Mutatis mutandis
En participant au colloque organisé par le Vatican et l’Université grégorienne sur le 70e anniversaire de la Déclaration universelle des droits de l’homme, les 10 et 11 décembre derniers, il était frappant de voir combien les 200 participants environ, venus du monde entier, étaient marqués par le phénomène français des gilets jaunes.
Beaucoup restaient interrogateurs.

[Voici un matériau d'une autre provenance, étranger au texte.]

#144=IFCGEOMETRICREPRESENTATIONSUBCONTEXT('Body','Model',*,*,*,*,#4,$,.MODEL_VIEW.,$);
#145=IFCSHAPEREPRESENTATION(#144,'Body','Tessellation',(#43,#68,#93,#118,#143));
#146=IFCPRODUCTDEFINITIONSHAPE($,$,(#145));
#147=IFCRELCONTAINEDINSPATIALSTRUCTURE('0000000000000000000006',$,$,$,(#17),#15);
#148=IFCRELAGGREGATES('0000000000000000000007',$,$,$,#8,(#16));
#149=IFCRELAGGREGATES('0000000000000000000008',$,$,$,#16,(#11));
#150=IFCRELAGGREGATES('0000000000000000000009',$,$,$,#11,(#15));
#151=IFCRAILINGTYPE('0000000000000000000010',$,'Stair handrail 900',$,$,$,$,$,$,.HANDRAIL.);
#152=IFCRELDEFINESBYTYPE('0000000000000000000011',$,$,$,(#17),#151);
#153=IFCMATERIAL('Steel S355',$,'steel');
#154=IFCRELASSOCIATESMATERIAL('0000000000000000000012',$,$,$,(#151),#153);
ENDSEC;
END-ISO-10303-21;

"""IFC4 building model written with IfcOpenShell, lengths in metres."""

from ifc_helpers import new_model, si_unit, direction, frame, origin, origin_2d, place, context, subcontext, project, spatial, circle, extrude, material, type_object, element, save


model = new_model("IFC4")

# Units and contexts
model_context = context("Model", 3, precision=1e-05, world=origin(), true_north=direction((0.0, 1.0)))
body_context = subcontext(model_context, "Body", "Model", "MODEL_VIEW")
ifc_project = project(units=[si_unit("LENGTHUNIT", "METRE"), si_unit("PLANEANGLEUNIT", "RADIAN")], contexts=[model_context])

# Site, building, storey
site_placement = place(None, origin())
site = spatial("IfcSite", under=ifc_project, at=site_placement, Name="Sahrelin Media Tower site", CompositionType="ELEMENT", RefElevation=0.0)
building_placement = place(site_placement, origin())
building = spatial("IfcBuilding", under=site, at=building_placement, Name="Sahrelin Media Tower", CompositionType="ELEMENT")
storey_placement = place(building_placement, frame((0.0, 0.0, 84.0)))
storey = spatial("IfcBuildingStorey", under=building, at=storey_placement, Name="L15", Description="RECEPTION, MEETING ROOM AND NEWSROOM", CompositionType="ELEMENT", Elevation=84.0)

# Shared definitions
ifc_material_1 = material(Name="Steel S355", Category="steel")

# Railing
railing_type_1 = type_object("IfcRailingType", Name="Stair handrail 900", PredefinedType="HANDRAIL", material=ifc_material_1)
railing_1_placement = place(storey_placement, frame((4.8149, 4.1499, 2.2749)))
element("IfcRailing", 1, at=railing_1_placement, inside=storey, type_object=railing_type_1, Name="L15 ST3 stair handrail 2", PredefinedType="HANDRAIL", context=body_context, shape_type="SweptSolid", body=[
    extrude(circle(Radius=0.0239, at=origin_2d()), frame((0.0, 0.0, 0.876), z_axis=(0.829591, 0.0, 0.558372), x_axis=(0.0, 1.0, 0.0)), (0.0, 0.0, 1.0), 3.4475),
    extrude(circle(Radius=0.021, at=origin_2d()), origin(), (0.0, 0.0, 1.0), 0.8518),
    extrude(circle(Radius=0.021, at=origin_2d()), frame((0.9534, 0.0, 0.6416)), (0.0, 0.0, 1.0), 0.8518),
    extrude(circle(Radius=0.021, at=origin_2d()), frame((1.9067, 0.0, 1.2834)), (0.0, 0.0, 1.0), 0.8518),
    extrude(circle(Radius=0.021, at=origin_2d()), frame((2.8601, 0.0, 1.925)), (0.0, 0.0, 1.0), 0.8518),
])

Notre pays était perçu de façon ambivalente : pays – soi-disant et réellement – des droits de l’homme, pays donneur de leçons qu’il ferait bien de s’appliquer à lui-même[1]et pays restant néanmoins source d’inspiration, dont on attend une certaine créativité et des initiatives, notamment en matière des droits et devoirs humains.

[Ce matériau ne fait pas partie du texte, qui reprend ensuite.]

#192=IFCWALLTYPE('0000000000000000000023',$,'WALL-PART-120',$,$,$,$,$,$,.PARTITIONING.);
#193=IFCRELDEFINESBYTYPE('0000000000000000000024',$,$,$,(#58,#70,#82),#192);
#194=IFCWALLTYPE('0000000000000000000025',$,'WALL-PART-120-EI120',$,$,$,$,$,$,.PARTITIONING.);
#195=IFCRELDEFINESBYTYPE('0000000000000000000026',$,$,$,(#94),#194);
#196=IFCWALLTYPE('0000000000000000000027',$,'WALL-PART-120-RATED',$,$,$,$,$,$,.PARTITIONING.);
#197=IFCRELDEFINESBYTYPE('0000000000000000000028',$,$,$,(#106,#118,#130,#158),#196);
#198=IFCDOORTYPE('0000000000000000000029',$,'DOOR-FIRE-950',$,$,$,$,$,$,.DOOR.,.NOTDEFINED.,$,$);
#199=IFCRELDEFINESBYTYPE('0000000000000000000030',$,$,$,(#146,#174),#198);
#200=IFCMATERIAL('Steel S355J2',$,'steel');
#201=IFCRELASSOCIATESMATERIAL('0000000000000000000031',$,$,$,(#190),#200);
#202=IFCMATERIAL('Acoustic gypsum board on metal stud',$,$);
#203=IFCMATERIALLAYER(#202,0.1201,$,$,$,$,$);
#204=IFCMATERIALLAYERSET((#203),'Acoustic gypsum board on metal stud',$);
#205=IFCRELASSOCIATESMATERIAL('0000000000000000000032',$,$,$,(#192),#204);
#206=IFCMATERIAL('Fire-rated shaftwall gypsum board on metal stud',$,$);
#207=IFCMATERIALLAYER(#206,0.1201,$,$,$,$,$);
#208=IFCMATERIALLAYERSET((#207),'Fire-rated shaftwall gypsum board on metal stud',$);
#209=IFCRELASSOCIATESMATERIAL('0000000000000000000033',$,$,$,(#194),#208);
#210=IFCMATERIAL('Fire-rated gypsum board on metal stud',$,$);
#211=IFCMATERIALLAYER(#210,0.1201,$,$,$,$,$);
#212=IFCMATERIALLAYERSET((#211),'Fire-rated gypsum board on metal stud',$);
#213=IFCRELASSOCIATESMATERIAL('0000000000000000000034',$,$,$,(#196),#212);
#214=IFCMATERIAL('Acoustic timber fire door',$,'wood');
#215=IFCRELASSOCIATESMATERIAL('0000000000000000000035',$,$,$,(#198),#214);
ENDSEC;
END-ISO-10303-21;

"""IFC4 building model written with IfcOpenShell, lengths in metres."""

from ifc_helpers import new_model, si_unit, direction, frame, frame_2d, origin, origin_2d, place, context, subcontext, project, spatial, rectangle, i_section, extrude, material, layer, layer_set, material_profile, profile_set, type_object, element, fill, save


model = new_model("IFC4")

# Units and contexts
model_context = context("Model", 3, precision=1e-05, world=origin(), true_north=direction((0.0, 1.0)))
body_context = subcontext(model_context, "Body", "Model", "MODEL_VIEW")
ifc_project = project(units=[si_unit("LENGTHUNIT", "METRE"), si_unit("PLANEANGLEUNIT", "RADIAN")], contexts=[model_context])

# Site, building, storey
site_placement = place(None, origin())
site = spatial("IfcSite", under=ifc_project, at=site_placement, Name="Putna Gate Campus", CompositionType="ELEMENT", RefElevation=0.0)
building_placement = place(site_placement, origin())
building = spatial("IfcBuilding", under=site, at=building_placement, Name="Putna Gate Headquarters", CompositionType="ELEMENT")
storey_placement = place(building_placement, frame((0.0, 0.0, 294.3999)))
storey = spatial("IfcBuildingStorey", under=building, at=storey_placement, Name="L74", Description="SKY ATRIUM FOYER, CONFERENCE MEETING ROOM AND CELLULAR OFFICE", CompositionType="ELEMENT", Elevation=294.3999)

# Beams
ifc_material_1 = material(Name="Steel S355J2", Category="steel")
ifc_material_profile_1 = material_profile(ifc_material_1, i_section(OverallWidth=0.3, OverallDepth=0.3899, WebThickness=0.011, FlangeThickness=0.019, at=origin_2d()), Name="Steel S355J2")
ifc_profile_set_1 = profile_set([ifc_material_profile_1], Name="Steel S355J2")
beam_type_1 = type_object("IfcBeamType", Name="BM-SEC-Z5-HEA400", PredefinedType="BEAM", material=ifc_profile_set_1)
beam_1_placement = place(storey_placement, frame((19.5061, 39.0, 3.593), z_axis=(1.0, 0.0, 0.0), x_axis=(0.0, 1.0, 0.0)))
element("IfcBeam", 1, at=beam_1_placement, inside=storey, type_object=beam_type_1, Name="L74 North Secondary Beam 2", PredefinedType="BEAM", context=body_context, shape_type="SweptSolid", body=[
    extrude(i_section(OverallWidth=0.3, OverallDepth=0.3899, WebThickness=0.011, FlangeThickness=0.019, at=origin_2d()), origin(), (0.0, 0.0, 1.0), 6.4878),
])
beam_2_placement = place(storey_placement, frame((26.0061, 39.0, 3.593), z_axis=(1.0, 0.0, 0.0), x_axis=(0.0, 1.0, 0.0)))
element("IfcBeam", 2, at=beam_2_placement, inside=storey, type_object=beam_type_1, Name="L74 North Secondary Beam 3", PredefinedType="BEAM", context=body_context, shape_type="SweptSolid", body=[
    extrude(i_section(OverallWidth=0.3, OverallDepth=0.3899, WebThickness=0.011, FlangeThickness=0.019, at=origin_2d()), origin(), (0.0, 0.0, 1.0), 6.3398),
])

Voici un autre illustration de la diffusion du phénomène : ce même 10 décembre dernier, l’avocat Mohamed Ramadan, spécialiste de la défense des prisonniers politiques, des victimes de la torture et des défenseurs des droits humains, était arrêté à Alexandrie, pour avoir publié sur sa page Facebook une photo où il était revêtu d’un gilet jaune, en solidarité avec le mouvement français ; « la police a déclaré avoir saisi plusieurs gilets jaunes à son domicile, le jour de son arrestation, comme autant de preuves qu’ils étaient destinés à être utilisés pour contester le régime… les autorités avaient conditionné la vente de gilets jaunes à une autorisation préalable de la police » (La Croix, 21 janvier 2019).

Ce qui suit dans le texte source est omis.